Pero no estamos hablando de economía, ni del desplazamiento de unos sectores productivos por otros nuevos, ni de desarrollo económico.

 

Estamos hablando de seres humanos. De este capitalismo de "usar y tirar" que por mucho que quieran disfrazarlo con términos como adaptabilidad, flexiseguridad, "long life learning" y cosas así, implica, para la mayoría de los trabajadores, quedarse en la cuneta cuando el sector en que trabajan deja de ser rentable en esa caza desenfrenada a la plusvalía en que se han convertido los sistemas económicos modernos. Si a uno lo tiran por la borda en época de bonanza la cosa puede saldarse con una prejubilación aceptable, como ocurrió en el sector en los 80.

 

Pero en tiempo de crisis el panorama puede ser muy negro. Entonces te encuentras con que el sistema de protección social, parte integrante de lo que llamamos Estado del bienestar, que debía estar ahí precisamente para hacer frente a estas situaciones, ha desparecido. Paradójicamente, es lo primero que nos han desmantelado.
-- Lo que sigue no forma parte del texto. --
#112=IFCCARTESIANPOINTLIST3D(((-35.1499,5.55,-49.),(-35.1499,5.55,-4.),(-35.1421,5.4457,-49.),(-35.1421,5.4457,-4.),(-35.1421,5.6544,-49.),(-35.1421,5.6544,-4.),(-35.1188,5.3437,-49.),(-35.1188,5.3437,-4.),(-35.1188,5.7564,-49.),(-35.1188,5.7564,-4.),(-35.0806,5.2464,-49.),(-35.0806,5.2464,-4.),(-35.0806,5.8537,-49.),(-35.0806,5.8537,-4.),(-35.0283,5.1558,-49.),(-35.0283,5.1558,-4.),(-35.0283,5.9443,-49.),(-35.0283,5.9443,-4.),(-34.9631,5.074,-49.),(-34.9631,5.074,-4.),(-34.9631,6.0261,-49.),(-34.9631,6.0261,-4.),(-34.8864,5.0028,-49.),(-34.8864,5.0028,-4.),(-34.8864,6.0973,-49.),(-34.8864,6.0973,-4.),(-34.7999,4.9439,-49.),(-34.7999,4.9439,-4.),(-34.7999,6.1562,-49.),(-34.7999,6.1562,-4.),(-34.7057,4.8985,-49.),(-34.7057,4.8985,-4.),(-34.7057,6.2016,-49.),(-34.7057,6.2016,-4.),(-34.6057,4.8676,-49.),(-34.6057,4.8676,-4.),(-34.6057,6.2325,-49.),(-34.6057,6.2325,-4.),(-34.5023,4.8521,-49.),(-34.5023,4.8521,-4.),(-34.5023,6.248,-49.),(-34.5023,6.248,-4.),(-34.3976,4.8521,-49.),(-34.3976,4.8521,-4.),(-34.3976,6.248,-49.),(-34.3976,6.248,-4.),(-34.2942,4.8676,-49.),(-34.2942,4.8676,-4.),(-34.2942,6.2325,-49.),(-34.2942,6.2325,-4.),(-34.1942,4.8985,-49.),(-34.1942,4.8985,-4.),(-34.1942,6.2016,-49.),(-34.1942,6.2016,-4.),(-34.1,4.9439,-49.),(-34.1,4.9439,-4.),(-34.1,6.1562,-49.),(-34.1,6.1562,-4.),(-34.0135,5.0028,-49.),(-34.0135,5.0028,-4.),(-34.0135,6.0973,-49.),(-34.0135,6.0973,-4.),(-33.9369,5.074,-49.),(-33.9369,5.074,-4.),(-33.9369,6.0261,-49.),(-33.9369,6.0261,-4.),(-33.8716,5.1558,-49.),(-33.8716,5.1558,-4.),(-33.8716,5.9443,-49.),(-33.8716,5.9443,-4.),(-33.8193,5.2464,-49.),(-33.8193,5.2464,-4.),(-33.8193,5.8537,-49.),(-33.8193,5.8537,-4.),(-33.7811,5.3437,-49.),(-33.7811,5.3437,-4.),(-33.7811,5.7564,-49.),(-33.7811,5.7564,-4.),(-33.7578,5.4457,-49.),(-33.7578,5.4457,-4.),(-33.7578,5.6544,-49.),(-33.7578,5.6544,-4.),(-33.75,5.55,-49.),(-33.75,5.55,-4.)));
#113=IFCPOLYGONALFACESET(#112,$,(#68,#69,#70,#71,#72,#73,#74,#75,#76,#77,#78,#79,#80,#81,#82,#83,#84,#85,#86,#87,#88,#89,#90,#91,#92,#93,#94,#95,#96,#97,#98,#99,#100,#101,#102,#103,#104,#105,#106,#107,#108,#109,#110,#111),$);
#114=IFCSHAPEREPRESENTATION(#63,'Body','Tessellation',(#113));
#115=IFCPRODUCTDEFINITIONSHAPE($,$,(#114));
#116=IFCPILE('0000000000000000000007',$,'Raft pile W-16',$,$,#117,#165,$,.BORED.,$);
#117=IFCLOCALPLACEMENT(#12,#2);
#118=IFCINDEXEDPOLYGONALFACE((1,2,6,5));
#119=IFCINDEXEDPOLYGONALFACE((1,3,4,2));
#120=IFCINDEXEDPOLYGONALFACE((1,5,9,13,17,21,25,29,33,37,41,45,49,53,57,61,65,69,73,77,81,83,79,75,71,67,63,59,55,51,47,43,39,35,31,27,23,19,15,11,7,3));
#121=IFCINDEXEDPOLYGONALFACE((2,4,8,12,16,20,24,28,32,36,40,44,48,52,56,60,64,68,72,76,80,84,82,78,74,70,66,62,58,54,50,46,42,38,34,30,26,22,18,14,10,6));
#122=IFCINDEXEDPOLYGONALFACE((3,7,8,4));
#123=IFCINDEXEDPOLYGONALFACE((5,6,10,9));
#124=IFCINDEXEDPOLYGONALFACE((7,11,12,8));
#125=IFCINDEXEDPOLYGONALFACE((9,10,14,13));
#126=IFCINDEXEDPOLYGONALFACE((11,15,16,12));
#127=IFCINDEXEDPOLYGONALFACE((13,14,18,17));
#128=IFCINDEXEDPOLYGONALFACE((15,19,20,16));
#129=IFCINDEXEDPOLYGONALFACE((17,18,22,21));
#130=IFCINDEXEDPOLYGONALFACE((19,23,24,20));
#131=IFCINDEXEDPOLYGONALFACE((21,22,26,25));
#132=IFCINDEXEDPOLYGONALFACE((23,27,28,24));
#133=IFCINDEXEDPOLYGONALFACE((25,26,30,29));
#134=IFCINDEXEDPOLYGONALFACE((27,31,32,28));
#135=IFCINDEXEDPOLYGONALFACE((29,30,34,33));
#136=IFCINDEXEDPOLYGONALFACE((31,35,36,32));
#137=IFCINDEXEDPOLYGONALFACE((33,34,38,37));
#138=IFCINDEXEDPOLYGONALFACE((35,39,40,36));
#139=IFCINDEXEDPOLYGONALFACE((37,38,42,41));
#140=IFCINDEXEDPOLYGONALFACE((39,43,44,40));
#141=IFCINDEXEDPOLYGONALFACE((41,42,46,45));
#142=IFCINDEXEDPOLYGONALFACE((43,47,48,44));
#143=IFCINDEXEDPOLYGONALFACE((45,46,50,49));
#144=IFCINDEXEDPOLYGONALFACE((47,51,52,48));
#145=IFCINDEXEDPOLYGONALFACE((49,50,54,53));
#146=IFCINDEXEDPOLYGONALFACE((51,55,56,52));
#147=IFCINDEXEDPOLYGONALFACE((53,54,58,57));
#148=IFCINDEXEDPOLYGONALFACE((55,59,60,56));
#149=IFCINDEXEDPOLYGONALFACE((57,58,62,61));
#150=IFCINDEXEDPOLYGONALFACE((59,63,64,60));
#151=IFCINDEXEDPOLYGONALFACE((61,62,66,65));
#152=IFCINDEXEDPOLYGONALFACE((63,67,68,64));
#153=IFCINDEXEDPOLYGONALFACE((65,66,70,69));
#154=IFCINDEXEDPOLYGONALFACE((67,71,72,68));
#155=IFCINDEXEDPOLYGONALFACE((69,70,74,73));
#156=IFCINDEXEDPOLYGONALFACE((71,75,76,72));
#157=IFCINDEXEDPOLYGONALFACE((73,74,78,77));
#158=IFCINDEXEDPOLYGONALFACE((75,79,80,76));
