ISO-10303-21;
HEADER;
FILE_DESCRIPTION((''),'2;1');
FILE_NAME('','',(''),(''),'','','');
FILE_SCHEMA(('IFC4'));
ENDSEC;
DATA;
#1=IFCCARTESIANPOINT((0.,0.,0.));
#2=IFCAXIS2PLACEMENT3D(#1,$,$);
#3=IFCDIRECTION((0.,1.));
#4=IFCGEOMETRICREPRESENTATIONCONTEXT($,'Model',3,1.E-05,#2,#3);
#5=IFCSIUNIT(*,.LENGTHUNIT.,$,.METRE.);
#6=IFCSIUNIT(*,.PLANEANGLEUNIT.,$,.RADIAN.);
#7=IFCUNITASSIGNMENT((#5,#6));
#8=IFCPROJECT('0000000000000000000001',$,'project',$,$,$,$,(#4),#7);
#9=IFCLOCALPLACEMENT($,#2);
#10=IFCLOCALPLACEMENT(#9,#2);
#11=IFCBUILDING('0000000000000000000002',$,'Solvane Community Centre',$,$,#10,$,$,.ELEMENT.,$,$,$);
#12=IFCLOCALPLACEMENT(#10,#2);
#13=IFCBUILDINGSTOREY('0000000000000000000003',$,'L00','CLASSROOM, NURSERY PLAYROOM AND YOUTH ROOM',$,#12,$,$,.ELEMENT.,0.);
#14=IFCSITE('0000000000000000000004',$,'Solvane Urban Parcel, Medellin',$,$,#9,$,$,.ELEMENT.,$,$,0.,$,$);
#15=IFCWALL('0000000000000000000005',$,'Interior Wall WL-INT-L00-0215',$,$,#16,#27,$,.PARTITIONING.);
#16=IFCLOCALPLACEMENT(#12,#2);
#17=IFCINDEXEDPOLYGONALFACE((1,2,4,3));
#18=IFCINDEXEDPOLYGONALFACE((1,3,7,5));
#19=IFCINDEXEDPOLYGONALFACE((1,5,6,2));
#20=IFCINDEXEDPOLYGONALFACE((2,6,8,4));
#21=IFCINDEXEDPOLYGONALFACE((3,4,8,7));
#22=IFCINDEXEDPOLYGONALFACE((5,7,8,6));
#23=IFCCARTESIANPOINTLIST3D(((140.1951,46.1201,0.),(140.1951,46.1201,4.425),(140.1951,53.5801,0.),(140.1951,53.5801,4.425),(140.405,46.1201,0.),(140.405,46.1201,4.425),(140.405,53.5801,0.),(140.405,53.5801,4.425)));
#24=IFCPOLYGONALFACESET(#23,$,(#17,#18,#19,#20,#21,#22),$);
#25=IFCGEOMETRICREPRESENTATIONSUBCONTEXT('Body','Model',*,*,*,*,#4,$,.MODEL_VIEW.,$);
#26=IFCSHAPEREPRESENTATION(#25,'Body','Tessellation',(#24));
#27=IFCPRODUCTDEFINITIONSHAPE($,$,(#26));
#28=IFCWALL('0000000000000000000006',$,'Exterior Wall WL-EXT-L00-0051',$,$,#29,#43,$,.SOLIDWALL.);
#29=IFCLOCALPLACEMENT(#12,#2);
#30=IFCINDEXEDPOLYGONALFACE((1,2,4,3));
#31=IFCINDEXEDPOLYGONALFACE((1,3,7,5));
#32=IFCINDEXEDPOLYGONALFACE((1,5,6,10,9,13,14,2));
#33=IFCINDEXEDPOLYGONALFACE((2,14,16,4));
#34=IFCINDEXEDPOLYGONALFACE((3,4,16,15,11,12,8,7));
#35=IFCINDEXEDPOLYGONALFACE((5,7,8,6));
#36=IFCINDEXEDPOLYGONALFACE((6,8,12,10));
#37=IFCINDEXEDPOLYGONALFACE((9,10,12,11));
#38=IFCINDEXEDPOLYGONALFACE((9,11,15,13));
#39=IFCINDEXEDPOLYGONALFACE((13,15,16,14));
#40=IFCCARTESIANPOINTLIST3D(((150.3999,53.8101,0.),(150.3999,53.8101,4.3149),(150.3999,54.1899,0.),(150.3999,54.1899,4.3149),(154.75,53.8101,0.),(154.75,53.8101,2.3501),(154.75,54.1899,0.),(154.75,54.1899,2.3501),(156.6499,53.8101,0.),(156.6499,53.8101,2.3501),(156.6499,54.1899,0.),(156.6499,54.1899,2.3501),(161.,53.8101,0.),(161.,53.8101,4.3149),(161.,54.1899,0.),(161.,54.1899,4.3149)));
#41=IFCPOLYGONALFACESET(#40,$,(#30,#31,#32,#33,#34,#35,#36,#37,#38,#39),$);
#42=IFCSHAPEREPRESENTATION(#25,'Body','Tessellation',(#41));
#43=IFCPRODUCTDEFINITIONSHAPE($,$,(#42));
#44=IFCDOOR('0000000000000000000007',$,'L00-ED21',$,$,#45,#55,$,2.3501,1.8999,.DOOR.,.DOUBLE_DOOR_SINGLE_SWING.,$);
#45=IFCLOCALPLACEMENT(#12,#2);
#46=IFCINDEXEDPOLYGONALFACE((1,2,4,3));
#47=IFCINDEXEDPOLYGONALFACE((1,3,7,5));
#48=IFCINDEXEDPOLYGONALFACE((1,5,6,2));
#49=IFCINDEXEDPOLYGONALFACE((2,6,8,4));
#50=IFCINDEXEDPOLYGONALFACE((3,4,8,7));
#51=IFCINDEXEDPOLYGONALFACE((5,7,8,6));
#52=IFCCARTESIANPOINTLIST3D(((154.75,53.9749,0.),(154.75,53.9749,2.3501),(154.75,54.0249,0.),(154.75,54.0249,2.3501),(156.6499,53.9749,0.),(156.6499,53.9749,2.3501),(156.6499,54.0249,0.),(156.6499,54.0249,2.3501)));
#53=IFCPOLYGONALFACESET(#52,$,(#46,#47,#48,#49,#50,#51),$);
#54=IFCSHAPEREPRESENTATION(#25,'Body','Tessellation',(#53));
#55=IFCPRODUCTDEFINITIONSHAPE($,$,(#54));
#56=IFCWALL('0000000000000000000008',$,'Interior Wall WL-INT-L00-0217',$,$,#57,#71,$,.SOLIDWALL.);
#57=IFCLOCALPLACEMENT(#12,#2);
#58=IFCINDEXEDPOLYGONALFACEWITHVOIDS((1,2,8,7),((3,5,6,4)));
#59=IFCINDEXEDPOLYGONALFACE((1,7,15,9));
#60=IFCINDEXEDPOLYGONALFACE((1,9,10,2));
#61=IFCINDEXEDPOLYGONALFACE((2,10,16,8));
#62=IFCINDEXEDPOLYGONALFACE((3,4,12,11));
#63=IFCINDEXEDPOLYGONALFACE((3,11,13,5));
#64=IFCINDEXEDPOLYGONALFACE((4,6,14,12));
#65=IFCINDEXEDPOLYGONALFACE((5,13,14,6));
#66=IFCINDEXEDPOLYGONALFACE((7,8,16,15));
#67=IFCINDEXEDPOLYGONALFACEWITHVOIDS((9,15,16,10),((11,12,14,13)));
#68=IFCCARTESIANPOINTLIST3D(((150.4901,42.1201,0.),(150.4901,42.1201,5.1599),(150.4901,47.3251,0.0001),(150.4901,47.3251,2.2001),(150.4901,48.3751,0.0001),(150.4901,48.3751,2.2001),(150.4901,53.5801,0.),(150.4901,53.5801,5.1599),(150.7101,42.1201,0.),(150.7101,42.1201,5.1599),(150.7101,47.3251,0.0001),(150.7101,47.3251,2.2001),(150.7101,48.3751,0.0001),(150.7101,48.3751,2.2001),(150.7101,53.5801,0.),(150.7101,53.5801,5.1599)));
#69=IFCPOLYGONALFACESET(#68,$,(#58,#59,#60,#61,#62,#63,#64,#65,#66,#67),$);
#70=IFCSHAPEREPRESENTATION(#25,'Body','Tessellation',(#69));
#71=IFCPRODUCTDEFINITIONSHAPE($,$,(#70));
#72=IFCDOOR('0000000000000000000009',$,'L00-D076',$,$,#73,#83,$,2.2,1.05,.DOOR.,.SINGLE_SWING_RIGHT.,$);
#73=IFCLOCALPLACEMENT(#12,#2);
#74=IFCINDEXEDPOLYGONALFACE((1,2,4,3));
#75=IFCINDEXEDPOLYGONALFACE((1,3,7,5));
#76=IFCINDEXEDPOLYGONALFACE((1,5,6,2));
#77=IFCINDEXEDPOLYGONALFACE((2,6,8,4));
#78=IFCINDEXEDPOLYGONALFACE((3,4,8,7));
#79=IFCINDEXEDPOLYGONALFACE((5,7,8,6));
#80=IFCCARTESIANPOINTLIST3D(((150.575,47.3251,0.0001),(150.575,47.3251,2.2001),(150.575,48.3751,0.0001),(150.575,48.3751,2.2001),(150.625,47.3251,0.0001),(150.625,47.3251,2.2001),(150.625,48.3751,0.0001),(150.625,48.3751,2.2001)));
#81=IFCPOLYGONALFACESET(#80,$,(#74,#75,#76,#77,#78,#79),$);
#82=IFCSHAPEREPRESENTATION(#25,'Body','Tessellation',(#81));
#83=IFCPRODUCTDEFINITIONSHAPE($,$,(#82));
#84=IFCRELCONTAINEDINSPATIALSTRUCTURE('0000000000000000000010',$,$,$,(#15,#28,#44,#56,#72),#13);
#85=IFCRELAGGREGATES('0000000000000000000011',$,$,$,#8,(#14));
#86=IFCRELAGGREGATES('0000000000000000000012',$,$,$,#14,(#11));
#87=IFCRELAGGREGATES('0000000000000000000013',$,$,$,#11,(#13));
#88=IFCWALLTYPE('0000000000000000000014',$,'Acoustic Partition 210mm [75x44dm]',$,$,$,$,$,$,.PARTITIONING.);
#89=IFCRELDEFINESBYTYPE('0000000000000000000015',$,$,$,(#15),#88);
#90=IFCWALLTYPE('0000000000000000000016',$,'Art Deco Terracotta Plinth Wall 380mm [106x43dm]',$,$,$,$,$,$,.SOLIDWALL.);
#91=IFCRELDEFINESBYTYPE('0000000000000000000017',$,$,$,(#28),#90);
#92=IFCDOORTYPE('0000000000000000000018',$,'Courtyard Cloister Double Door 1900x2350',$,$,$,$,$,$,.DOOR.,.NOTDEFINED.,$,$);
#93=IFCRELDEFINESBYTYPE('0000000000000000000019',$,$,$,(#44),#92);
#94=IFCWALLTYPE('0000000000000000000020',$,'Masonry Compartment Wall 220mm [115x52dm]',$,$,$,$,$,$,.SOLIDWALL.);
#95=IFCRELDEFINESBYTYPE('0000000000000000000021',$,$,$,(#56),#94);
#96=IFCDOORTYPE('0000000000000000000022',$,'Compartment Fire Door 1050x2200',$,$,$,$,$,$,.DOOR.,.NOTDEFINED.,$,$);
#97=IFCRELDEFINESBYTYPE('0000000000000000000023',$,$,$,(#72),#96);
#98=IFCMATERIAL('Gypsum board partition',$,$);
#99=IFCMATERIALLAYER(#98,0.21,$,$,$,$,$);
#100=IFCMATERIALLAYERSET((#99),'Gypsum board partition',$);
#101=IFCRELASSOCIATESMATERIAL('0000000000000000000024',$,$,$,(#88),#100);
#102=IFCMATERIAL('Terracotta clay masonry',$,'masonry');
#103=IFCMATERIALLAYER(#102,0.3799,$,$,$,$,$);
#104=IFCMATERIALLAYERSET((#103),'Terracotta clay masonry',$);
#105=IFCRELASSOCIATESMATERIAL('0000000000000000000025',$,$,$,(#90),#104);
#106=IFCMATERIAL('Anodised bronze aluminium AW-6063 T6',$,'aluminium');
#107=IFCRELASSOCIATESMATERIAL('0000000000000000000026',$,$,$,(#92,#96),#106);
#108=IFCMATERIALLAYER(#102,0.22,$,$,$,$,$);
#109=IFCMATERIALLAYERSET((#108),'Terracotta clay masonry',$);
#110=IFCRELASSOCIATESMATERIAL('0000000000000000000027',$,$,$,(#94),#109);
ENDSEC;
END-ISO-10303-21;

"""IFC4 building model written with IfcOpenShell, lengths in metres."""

from ifc_helpers import new_model, si_unit, direction, frame, frame_2d, origin, place, context, subcontext, project, spatial, rectangle, extrude, material, layer, layer_set, type_object, element, fill, save


model = new_model("IFC4")

# Units and contexts
model_context = context("Model", 3, precision=1e-05, world=origin(), true_north=direction((0.0, 1.0)))
body_context = subcontext(model_context, "Body", "Model", "MODEL_VIEW")
ifc_project = project(units=[si_unit("LENGTHUNIT", "METRE"), si_unit("PLANEANGLEUNIT", "RADIAN")], contexts=[model_context])

# Site, building, storey
site_placement = place(None, origin())
site = spatial("IfcSite", under=ifc_project, at=site_placement, Name="Solvane Urban Parcel, Medellin", CompositionType="ELEMENT", RefElevation=0.0)
building_placement = place(site_placement, origin())
building = spatial("IfcBuilding", under=site, at=building_placement, Name="Solvane Community Centre", CompositionType="ELEMENT")
storey_placement = place(building_placement, origin())
storey = spatial("IfcBuildingStorey", under=building, at=storey_placement, Name="L00", Description="CLASSROOM, NURSERY PLAYROOM AND YOUTH ROOM", CompositionType="ELEMENT", Elevation=0.0)

# Wall
ifc_material_1 = material(Name="Gypsum board partition")
ifc_layer_1 = layer(ifc_material_1, 0.21)
ifc_layer_set_1 = layer_set([ifc_layer_1], Name="Gypsum board partition")
wall_type_1 = type_object("IfcWallType", Name="Acoustic Partition 210mm [75x44dm]", PredefinedType="PARTITIONING", material=ifc_layer_set_1)
wall_1_placement = place(storey_placement, frame((140.3, 53.5801, 0.0), z_axis=(0.0, 0.0, 1.0), x_axis=(0.0, -1.0, 0.0)))
element("IfcWall", 1, at=wall_1_placement, inside=storey, type_object=wall_type_1, Name="Interior Wall WL-INT-L00-0215", PredefinedType="PARTITIONING", context=body_context, shape_type="SweptSolid", body=[
    extrude(rectangle(XDim=7.46, YDim=0.21, at=frame_2d((3.73, 0.0))), origin(), (0.0, 0.0, 1.0), 4.425),
])

# Walls, openings, doors
ifc_material_2 = material(Name="Terracotta clay masonry", Category="masonry")
ifc_material_3 = material(Name="Anodised bronze aluminium AW-6063 T6", Category="aluminium")
ifc_layer_2 = layer(ifc_material_2, 0.3799)
ifc_layer_set_2 = layer_set([ifc_layer_2], Name="Terracotta clay masonry")
wall_type_2 = type_object("IfcWallType", Name="Art Deco Terracotta Plinth Wall 380mm [106x43dm]", PredefinedType="SOLIDWALL", material=ifc_layer_set_2)
wall_2_placement = place(storey_placement, frame((150.3999, 54.0, 0.0), z_axis=(0.0, 0.0, 1.0), x_axis=(1.0, 0.0, 0.0)))
wall_2 = element("IfcWall", 2, at=wall_2_placement, inside=storey, type_object=wall_type_2, Name="Exterior Wall WL-EXT-L00-0051", PredefinedType="SOLIDWALL", context=body_context, shape_type="SweptSolid", body=[
    extrude(rectangle(XDim=10.6001, YDim=0.3799, at=frame_2d((5.3, 0.0))), origin(), (0.0, 0.0, 1.0), 4.3149),
])
opening_1_placement = place(wall_2_placement, frame((4.3501, 0.0, 0.0)))
opening_1 = element("IfcOpeningElement", 3, at=opening_1_placement, cuts=wall_2, PredefinedType="OPENING", context=body_context, shape_type="SweptSolid", body=[
    extrude(rectangle(XDim=1.8999, YDim=2.3501, at=frame_2d((0.95, 1.175))), frame((0.0, 0.2, 0.0), z_axis=(0.0, -1.0, 0.0), x_axis=(1.0, 0.0, 0.0)), (0.0, 0.0, 1.0), 0.3999),
])
door_type_1 = type_object("IfcDoorType", Name="Courtyard Cloister Double Door 1900x2350", OperationType="NOTDEFINED", PredefinedType="DOOR", material=ifc_material_3)
door_1_placement = place(opening_1_placement, origin())
door_1 = element("IfcDoor", 4, at=door_1_placement, inside=storey, type_object=door_type_1, Name="L00-ED21", OperationType="DOUBLE_DOOR_SINGLE_SWING", OverallHeight=2.3501, OverallWidth=1.8999, PredefinedType="DOOR", context=body_context, shape_type="SweptSolid", body=[
    extrude(rectangle(XDim=1.8999, YDim=2.3501, at=frame_2d((0.95, 1.175))), frame((0.0, 0.0249, 0.0), z_axis=(0.0, -1.0, 0.0), x_axis=(1.0, 0.0, 0.0)), (0.0, 0.0, 1.0), 0.05),
])
fill(opening_1, door_1)
ifc_layer_3 = layer(ifc_material_2, 0.22)
ifc_layer_set_3 = layer_set([ifc_layer_3], Name="Terracotta clay masonry")
wall_type_3 = type_object("IfcWallType", Name="Masonry Compartment Wall 220mm [115x52dm]", PredefinedType="SOLIDWALL", material=ifc_layer_set_3)
wall_3_placement = place(storey_placement, frame((150.6001, 53.5801, 0.0), z_axis=(0.0, 0.0, 1.0), x_axis=(0.0, -1.0, 0.0)))
wall_3 = element("IfcWall", 5, at=wall_3_placement, inside=storey, type_object=wall_type_3, Name="Interior Wall WL-INT-L00-0217", PredefinedType="SOLIDWALL", context=body_context, shape_type="SweptSolid", body=[
    extrude(rectangle(XDim=11.46, YDim=0.22, at=frame_2d((5.73, 0.0))), origin(), (0.0, 0.0, 1.0), 5.1599),
])
opening_2_placement = place(wall_3_placement, frame((5.2051, 0.0, 0.0)))
opening_2 = element("IfcOpeningElement", 6, at=opening_2_placement, cuts=wall_3, PredefinedType="OPENING", context=body_context, shape_type="SweptSolid", body=[
    extrude(rectangle(XDim=1.05, YDim=2.2, at=frame_2d((0.5249, 1.1001))), frame((0.0, 0.1199, 0.0), z_axis=(0.0, -1.0, 0.0), x_axis=(1.0, 0.0, 0.0)), (0.0, 0.0, 1.0), 0.24),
Es como si te compras un coche con airbag y cuando tienes un accidente, no se infla.

 

Dicen que, antiguamente, los mineros entraban en las minas con un canario para detectar, de una forma cruel y rudimentaria, la presencia de monóxido de carbono. Estos mineros, entrando hoy en la Puerta del Sol con el mismo arrojo con que bajan a las entrañas de la tierra, son el canario de toda la sociedad española. El test de la solidaridad que este gobierno es capaz de tener con los ya incontables náufragos de esta crisis. Si dejan de cantar, aunque sea desafinando, es que la cosa se va a poner muy, muy fea.